Perhaps the central challenge to the study’s claims is that its author coached the “guards” to be hard cases.
Is this coaching “not an overt invitation to be abusive in all sorts of psychological ways?” wrote Peter Gray, a psychologist at Boston University who decided to exclude any mention of the simulation from his popular introductory textbook.
“And, when the guards did behave in these ways and escalated that behavior, with Zimbardo watching and apparently (by his silence) approving, would that not have confirmed in the subjects’ minds that they were behaving as they should?”
Recent challenges have echoed Gray’s, and earlier this month Zimbardo was moved to post a response online.
“My instructions to the guards, as documented by recordings of guard orientation, were that they could not hit the prisoners but could create feelings of boredom, frustration, fear and a sense of powerlessness — that is, ‘we have total power of the situation and they have none,'” he wrote. “We did not give any formal or detailed instructions about how to be an effective guard.”
In an interview, Zimbardo said that the simulation was a “demonstration of what could happen” to some people influenced by powerful social roles and outside pressures, and that his critics had missed this point.
Which argument is more persuasive depends to some extent on where you sit and what you may think of Zimbardo. Is it better to describe his experiment, questions and all — or to ignore it entirely as not real psychology?
One psychologist who does not have to choose is David Baker, executive director of the Center for the History of Psychology at the University of Akron, which hosts the National Museum of Psychology.
“We put everything in that’s an important part of our history, including the controversy,” Baker said.
“To me, the target question of an experiment should be considered,” he added. “In this case, do social context and expectations significantly change behavior. And if so, when and how so?”
The issues surrounding the marshmallow studies and the ego depletion work are different, but land researchers in the same fundamental bind: Is this something, or is it nothing?
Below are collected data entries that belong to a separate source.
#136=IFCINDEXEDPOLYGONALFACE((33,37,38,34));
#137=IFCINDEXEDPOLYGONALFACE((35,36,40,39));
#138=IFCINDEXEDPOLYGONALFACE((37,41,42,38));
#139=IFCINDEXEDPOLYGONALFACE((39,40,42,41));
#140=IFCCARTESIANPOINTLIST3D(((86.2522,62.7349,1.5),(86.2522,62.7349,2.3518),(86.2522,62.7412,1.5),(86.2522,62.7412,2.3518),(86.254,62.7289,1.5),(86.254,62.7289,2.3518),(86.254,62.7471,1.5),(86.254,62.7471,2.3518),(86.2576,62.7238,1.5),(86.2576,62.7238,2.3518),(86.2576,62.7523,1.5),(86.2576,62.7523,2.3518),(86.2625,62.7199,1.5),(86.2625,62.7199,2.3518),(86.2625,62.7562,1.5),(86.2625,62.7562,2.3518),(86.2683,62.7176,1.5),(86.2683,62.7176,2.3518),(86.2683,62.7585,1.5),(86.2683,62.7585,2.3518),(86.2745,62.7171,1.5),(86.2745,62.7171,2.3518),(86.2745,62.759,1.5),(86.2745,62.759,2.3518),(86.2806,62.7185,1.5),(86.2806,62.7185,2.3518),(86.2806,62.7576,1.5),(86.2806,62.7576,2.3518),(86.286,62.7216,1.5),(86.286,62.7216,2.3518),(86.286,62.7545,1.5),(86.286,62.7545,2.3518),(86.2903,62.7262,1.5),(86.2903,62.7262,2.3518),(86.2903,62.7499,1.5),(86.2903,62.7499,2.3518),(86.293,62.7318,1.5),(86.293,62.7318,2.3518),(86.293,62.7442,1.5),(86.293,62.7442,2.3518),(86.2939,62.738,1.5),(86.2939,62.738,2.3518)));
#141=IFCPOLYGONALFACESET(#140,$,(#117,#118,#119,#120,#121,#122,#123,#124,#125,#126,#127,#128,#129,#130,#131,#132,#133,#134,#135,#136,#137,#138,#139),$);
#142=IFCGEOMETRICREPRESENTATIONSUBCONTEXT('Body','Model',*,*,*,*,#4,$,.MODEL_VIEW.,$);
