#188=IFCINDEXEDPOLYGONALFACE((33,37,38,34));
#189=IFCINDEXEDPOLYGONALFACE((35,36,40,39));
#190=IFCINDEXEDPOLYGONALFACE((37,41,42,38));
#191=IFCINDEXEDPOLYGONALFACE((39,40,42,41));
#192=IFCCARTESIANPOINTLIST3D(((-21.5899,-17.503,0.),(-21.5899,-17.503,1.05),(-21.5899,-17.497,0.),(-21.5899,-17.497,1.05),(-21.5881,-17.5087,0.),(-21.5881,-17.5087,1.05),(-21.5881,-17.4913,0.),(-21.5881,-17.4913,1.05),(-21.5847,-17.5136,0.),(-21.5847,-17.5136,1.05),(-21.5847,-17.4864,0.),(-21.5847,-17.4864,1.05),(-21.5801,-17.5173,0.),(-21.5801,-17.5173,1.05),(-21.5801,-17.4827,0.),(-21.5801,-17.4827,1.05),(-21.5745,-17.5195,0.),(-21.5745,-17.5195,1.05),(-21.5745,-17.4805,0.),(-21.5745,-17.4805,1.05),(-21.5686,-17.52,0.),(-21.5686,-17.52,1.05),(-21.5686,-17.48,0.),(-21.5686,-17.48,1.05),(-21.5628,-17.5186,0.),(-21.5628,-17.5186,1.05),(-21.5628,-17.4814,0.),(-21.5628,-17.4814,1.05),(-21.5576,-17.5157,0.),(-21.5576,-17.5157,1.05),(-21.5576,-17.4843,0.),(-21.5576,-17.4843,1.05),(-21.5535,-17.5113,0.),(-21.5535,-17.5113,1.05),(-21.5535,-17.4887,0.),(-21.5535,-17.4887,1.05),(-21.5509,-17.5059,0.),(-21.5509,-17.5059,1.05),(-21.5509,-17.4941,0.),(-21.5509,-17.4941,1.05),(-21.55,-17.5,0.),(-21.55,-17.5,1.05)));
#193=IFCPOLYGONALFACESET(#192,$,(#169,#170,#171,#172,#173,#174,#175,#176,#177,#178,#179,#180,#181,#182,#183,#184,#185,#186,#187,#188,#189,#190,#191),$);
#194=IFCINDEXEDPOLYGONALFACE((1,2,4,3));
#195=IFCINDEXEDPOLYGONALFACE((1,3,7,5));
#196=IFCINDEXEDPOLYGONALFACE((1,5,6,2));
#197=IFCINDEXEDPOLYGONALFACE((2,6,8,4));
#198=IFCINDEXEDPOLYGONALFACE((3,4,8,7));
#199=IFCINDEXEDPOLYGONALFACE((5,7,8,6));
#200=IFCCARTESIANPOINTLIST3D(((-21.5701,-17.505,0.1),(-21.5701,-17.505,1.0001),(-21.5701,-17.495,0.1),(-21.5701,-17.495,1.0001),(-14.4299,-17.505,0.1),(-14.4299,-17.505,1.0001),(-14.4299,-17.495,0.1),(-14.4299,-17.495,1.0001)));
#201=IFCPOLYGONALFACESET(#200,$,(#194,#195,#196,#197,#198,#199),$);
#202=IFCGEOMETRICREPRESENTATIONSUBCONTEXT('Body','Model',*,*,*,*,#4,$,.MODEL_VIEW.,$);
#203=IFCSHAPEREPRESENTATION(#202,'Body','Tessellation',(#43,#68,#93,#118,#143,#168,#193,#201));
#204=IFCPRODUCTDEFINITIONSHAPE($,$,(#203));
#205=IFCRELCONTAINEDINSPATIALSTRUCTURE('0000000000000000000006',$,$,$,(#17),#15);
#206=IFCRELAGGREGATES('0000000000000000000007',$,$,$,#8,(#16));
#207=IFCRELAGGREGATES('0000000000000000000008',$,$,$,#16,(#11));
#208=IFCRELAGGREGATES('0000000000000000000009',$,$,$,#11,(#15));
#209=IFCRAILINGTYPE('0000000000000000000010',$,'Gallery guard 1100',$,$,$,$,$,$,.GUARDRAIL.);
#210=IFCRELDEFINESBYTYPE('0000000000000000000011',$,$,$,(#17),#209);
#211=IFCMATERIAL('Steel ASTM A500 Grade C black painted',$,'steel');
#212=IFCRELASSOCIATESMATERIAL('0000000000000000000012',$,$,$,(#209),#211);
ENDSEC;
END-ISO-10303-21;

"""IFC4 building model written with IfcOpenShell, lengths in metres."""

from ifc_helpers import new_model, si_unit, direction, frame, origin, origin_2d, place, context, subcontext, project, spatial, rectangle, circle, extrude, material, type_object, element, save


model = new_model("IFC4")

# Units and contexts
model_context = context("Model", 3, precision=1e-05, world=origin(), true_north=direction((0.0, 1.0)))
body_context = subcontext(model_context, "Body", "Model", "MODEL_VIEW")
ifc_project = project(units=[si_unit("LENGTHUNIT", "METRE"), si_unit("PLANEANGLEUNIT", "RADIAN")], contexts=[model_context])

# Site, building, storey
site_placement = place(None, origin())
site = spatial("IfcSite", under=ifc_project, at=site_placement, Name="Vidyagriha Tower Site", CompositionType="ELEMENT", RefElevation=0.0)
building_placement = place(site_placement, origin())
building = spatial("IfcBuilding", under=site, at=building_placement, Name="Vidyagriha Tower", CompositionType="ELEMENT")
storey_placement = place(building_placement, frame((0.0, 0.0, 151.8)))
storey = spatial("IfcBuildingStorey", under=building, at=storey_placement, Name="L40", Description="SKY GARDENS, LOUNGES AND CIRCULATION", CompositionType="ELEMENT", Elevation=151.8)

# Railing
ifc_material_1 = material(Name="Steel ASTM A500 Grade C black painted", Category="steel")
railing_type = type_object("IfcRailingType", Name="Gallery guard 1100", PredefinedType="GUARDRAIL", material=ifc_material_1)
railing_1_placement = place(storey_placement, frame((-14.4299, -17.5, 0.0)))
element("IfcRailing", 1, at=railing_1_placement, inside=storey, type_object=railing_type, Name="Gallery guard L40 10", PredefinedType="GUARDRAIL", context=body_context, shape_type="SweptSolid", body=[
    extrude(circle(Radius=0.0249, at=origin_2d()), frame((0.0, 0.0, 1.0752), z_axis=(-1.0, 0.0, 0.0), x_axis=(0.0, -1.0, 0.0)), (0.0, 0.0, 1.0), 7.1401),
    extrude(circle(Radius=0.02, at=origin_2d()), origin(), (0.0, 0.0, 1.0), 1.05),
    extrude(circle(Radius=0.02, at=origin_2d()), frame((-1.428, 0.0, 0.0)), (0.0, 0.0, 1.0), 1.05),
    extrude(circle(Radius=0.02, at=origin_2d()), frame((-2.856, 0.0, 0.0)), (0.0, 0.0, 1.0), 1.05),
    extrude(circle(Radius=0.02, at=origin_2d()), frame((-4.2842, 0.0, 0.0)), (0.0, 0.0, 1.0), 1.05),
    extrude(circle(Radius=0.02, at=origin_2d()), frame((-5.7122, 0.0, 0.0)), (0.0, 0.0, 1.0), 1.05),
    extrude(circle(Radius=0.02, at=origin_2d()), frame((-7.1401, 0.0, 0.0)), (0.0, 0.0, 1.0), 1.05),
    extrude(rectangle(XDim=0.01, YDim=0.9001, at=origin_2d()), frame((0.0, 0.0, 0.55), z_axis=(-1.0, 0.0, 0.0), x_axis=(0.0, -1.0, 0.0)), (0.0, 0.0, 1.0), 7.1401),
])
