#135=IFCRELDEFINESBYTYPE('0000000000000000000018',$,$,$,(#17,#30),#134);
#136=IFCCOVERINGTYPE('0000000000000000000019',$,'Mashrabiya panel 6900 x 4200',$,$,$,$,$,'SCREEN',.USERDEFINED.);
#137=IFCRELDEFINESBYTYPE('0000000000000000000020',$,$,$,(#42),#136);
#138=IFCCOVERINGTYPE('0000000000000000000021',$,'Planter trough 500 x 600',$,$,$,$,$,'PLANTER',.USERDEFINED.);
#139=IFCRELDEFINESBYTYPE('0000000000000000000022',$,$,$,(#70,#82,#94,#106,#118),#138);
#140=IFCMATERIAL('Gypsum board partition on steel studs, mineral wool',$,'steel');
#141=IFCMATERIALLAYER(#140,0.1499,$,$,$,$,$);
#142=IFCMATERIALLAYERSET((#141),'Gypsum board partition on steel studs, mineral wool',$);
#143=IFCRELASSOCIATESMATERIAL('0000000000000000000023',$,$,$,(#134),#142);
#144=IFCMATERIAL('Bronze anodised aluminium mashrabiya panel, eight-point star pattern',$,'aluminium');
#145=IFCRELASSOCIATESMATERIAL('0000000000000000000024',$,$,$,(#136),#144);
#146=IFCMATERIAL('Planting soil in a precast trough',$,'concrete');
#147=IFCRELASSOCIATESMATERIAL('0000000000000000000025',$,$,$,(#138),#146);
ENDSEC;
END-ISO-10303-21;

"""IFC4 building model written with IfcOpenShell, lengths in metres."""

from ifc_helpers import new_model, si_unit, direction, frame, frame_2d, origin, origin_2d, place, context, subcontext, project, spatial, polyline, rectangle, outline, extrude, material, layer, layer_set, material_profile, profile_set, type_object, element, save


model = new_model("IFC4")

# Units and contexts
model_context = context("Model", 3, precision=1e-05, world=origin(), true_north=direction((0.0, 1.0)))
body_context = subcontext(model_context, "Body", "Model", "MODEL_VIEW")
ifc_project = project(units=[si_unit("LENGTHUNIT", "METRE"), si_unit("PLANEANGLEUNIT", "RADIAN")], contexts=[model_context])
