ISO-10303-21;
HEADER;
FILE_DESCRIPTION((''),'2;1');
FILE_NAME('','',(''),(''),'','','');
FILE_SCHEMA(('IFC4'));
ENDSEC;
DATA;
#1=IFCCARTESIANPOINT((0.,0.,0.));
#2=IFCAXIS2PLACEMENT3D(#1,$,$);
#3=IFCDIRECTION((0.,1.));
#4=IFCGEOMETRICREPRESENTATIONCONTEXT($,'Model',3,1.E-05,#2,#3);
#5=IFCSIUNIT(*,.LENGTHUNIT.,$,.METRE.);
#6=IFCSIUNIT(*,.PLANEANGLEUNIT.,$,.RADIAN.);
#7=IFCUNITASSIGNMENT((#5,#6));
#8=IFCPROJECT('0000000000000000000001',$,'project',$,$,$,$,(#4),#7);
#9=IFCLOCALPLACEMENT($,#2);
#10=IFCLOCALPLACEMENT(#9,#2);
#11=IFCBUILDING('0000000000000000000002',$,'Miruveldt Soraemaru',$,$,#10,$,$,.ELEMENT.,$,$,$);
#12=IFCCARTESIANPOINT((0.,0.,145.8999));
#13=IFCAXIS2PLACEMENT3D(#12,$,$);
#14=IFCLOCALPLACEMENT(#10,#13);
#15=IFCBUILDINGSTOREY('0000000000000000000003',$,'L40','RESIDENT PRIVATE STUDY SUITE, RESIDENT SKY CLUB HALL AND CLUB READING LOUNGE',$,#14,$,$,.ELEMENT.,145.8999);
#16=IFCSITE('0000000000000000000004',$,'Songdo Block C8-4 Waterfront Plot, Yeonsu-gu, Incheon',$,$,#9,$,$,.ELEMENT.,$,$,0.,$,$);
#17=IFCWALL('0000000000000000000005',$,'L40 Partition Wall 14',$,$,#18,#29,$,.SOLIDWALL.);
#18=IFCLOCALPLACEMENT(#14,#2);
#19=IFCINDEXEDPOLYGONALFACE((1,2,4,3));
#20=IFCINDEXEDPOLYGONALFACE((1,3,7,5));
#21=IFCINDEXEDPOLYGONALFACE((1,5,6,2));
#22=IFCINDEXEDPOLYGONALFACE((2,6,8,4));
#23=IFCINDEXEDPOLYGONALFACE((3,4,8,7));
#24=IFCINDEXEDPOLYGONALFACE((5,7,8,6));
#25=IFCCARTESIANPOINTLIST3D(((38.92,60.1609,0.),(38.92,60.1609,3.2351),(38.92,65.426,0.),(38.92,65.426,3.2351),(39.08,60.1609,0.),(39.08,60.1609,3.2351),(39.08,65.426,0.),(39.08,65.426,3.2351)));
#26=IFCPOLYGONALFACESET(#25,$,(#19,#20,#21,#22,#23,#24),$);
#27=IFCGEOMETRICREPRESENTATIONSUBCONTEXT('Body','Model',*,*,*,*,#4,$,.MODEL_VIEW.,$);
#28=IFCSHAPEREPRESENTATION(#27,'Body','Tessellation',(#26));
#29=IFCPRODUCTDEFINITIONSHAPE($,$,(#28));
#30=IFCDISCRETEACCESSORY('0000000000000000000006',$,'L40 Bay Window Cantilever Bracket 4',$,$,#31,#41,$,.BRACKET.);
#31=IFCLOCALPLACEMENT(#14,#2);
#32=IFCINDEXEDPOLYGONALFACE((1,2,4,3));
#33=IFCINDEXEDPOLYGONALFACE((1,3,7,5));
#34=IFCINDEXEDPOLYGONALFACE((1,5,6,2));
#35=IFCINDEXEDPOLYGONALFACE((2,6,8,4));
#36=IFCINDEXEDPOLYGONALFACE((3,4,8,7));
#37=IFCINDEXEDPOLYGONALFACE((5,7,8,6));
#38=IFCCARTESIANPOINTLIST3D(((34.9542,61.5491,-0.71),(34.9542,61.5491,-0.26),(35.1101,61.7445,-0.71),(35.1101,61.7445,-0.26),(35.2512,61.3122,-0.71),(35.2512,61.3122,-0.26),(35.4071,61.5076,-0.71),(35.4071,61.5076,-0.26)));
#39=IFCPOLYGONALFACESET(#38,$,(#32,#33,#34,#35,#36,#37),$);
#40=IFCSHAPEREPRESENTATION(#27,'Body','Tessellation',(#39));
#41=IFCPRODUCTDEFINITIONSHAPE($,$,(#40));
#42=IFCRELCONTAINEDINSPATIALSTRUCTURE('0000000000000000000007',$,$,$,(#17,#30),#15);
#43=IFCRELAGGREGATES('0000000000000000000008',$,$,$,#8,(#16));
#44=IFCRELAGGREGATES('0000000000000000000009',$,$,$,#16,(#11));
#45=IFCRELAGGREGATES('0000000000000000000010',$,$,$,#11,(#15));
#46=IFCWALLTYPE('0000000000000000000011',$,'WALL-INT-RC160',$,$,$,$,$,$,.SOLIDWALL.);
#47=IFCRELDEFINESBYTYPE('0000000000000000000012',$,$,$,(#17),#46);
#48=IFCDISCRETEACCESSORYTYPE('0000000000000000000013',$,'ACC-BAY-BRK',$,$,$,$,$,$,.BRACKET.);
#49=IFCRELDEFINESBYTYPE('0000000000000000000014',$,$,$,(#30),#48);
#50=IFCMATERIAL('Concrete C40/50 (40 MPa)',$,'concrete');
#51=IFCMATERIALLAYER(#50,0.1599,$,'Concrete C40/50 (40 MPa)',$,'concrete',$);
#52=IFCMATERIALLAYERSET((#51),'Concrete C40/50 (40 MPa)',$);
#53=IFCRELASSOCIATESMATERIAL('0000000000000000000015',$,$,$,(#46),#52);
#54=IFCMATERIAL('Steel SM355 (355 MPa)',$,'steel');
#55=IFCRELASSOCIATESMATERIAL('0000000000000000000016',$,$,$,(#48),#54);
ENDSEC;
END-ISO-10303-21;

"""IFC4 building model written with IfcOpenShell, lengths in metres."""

from ifc_helpers import new_model, si_unit, direction, frame, frame_2d, origin, origin_2d, place, context, subcontext, project, spatial, rectangle, extrude, material, layer, layer_set, type_object, element, save


model = new_model("IFC4")

# Units and contexts
model_context = context("Model", 3, precision=1e-05, world=origin(), true_north=direction((0.0, 1.0)))
body_context = subcontext(model_context, "Body", "Model", "MODEL_VIEW")
ifc_project = project(units=[si_unit("LENGTHUNIT", "METRE"), si_unit("PLANEANGLEUNIT", "RADIAN")], contexts=[model_context])

# Site, building, storey
site_placement = place(None, origin())
site = spatial("IfcSite", under=ifc_project, at=site_placement, Name="Songdo Block C8-4 Waterfront Plot, Yeonsu-gu, Incheon", CompositionType="ELEMENT", RefElevation=0.0)
building_placement = place(site_placement, origin())
building = spatial("IfcBuilding", under=site, at=building_placement, Name="Miruveldt Soraemaru", CompositionType="ELEMENT")
storey_placement = place(building_placement, frame((0.0, 0.0, 145.8999)))
storey = spatial("IfcBuildingStorey", under=building, at=storey_placement, Name="L40", Description="RESIDENT PRIVATE STUDY SUITE, RESIDENT SKY CLUB HALL AND CLUB READING LOUNGE", CompositionType="ELEMENT", Elevation=145.8999)

# Wall
ifc_material_1 = material(Name="Concrete C40/50 (40 MPa)", Category="concrete")
ifc_layer_1 = layer(ifc_material_1, 0.1599, Name="Concrete C40/50 (40 MPa)", Category="concrete")
ifc_layer_set_1 = layer_set([ifc_layer_1], Name="Concrete C40/50 (40 MPa)")
wall_type_1 = type_object("IfcWallType", Name="WALL-INT-RC160", PredefinedType="SOLIDWALL", material=ifc_layer_set_1)
wall_1_placement = place(storey_placement, frame((39.0, 60.1609, 0.0), z_axis=(0.0, 0.0, 1.0), x_axis=(0.0, 1.0, 0.0)))
element("IfcWall", 1, at=wall_1_placement, inside=storey, type_object=wall_type_1, Name="L40 Partition Wall 14", PredefinedType="SOLIDWALL", context=body_context, shape_type="SweptSolid", body=[
    extrude(rectangle(XDim=5.2651, YDim=0.1599, at=frame_2d((2.6326, 0.0))), origin(), (0.0, 0.0, 1.0), 3.2351),
])

# Discrete accessory
ifc_material_2 = material(Name="Steel SM355 (355 MPa)", Category="steel")
discrete_accessory_type = type_object("IfcDiscreteAccessoryType", Name="ACC-BAY-BRK", PredefinedType="BRACKET", material=ifc_material_2)
discrete_accessory_placement = place(storey_placement, frame((35.1807, 61.5283, -0.71), z_axis=(0.0, 0.0, 1.0), x_axis=(-0.781738, 0.623607, 0.0)))
element("IfcDiscreteAccessory", 2, at=discrete_accessory_placement, inside=storey, type_object=discrete_accessory_type, Name="L40 Bay Window Cantilever Bracket 4", PredefinedType="BRACKET", context=body_context, shape_type="SweptSolid", body=[
    extrude(rectangle(XDim=0.3799, YDim=0.25, at=origin_2d()), origin(), (0.0, 0.0, 1.0), 0.45),
])

save(model, "model.ifc")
Even younger psychologists who are eloquent partisans on the side of self-correction can be conflicted.
“With ego depletion especially, it seems like there’s some truth there — we have a subjective feeling of cognitive fatigue” after exercising self-control, said Katie Corker, as assistant professor of psychology at Grand Valley State University in Michigan.
A recent replication, rigorously done by one of the original authors, found evidence of an effect, but it was a small one, Corker said.
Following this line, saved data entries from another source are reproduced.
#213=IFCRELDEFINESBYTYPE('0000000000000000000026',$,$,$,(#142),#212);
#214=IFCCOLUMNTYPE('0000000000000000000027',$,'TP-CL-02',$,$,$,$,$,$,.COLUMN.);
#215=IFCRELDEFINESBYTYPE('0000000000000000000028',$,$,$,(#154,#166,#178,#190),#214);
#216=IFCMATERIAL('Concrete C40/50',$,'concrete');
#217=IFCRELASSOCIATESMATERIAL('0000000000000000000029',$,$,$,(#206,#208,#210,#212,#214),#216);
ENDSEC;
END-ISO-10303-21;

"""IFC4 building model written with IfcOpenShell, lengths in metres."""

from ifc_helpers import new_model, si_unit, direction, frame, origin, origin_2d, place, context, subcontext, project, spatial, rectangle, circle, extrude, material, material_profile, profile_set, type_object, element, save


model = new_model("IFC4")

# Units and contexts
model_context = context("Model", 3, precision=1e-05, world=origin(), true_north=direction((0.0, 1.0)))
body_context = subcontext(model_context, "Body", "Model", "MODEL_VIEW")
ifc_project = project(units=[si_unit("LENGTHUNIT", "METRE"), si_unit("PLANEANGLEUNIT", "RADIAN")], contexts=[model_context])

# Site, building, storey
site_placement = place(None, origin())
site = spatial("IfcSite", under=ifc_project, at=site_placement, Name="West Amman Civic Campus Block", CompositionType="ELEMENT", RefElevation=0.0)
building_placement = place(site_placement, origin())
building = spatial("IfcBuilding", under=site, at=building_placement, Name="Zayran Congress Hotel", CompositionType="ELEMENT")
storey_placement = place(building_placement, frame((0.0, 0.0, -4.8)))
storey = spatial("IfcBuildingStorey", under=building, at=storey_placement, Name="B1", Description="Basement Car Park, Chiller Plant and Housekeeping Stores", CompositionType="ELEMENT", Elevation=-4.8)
“Maybe we’re not studying it right, I don’t know. The better question may be, what does it take to kill off a big finding like this? Or, what should it take?”
Given modern ethics restrictions, mounting precise replications of old experiments is not always possible. The prison experiment would likely have to be seriously modified to pass institutional review.
The marshmallow test and ego depletion studies are fair game for further examination, and in those cases modifications may in fact clarify the picture. Some children do exhibit a streak of self-restraint early that seems to become central to their developing personality. What is the best way to measure that ability, or trait? What are its rewards over time, and its costs?
A more careful investigation of the “subjective cognitive fatigue” resulting from exercising self-control might help answer the latter question. It may also save ego depletion from being discarded prematurely as a useful scientific concept.
When Nosek published his first major replication paper in 2015, finding that about 60 percent of prominent studies did not pan out on a second try, it was a gift to skeptics eager to dismiss the entire field (and maybe all of social science) as a joke, a congregation of poorly anchored findings that shift in the wind, like nutrition advice.
It is not. On the contrary.
Housecleaning is a crucial corrective in science, and psychology has led by example. But in science, as in life, there is reason for care before dragging the big items to the curb.